Lena Diaz’s adorable dog Sparky

Maybe it’s just me, but I think it would be extra fun if dogs could talk!

Remember Andy Rooney and that delightful acerbic wit of his? I sure do. And I miss his brief, straight to the point rants on the television show 60 Minutes. His segments were fun, and I think a precursor of Jerry Seinfeld’s What’s up with that? routines.

So today in honor of Andy Rooney or Jerry Seinfeld or both, I have a What’s up with that? blog for you.

First the disclaimer: Just because I don’t understand it doesn’t mean it doesn’t make sense. Maybe you can explain it to me, because I feel confident that right here among us are readers who do it.

What is it? You ask. Well, this it. I scratch my head whenever I hear someone say: I really did not enjoy this book, but once I start a book I have to finish it.

Erm. I don’t get it.

Rosie 7

Krista’s adorable dog, Rosie

I realize there are some good reasons to finish books you don’t like. For example, your mother wrote it and dedicated it to you (Shannon I’m talking to you). Your critique partner wrote it (my critique partners only write awesome books, but I’m just sayin’ in case yours doesn’t). You agreed to judge it in a contest. You are a book blogger or agreed to provide a review. Your teacher assigned it, and there’s a quiz tomorrow. I’m not talking about these situations.

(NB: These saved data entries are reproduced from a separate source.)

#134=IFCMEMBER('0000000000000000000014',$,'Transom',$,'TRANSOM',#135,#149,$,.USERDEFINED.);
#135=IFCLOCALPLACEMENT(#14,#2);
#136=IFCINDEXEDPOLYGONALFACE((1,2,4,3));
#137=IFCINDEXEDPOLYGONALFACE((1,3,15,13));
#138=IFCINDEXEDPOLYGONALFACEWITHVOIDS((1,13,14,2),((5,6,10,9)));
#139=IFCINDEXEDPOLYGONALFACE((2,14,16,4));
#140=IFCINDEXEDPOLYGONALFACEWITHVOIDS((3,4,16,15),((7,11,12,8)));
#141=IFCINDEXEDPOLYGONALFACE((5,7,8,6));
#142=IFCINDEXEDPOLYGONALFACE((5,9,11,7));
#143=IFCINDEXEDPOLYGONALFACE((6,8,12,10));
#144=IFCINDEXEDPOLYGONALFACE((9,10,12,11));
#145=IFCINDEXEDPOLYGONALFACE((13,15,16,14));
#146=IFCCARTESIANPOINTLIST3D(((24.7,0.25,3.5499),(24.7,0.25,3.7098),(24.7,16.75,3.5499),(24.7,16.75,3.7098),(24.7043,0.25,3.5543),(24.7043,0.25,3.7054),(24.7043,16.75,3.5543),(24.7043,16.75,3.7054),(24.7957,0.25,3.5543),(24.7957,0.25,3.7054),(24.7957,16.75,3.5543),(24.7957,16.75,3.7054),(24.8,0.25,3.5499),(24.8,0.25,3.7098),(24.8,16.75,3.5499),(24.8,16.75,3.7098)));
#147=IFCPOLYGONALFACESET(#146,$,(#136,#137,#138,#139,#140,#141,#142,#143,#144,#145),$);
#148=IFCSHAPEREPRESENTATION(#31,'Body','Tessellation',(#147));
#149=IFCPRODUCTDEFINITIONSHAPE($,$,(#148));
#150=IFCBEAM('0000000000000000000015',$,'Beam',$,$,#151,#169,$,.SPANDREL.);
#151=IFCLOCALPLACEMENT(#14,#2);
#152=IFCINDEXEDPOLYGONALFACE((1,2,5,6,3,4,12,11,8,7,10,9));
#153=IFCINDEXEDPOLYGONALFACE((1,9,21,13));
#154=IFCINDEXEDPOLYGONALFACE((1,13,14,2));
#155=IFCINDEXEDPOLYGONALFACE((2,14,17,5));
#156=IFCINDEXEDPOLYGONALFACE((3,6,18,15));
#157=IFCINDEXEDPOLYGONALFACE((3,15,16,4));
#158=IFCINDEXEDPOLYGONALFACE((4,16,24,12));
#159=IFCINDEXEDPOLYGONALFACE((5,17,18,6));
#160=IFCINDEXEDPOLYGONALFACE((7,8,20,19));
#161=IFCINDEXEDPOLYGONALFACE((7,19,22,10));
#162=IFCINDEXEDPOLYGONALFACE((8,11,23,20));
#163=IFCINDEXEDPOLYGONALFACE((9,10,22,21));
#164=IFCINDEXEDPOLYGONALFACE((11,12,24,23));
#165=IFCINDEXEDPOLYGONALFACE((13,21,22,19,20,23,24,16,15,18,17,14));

I’m talking about someone who feels they must finish a book because they bought it or started it, or just because they can’t quit anything.

Now I’ve sat through a few movies I didn’t like, but that was because I was with someone else, and I didn’t want to make them miss out on something they were enjoying. But I have never finished a book I didn’t like without a good reason. The world is littered with books I’ve begun but didn’t finish, and I don’t feel one iota of guilt.

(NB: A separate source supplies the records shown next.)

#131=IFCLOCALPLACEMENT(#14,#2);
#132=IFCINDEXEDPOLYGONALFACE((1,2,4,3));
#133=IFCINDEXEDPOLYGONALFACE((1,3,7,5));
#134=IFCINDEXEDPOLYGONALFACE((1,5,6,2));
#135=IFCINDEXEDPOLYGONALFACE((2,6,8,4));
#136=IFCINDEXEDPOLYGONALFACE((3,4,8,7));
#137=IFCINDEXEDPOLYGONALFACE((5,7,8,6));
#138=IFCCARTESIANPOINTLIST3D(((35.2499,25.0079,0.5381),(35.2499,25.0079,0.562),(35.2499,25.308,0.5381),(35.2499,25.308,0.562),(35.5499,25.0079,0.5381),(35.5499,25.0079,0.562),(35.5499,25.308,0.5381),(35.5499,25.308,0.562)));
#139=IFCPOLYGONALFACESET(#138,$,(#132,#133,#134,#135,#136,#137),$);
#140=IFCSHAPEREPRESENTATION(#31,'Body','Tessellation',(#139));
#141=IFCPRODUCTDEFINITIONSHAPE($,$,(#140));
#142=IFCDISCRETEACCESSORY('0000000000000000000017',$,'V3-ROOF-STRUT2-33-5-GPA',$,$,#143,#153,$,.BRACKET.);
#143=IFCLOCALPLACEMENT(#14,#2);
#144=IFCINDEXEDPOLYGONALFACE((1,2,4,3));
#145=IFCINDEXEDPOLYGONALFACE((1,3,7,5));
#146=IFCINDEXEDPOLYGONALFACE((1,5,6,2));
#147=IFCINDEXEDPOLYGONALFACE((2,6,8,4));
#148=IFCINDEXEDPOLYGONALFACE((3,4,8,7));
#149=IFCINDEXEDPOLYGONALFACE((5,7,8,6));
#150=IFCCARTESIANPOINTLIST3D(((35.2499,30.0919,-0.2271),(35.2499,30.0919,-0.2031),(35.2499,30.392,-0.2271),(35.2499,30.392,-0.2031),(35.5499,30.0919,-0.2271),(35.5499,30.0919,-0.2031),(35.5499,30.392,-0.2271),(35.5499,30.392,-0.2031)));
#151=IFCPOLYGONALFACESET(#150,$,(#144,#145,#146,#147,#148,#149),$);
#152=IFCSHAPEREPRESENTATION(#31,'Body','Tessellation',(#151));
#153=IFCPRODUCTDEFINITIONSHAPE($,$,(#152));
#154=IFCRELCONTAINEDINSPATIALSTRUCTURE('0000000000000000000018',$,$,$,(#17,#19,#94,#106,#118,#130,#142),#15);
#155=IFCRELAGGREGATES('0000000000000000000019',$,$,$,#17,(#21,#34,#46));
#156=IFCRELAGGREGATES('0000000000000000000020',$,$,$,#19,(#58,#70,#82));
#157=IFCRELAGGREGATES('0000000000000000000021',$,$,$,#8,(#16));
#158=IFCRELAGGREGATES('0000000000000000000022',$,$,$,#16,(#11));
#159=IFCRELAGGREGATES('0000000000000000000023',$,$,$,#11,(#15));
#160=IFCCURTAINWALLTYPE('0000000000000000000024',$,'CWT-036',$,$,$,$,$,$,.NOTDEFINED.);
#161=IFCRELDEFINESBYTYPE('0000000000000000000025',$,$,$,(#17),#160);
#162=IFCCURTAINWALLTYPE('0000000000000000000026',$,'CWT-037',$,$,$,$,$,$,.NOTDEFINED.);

So here’s my question: What kind of reader are you? Are you a wall-banger like me, who tosses the book at the first sign of trouble? Or do you finish a book no matter what? If you do, please tell us why. Ten dollar Starbucks card to one lucky commenter.

About Carey Baldwin

Carey Baldwin is a mild-mannered doctor by day and an award winning author of edgy suspense by night.

Posted on July 15, 2014, in Carey Baldwin, readers and tagged , , , , , . Bookmark the permalink. 31 Comments.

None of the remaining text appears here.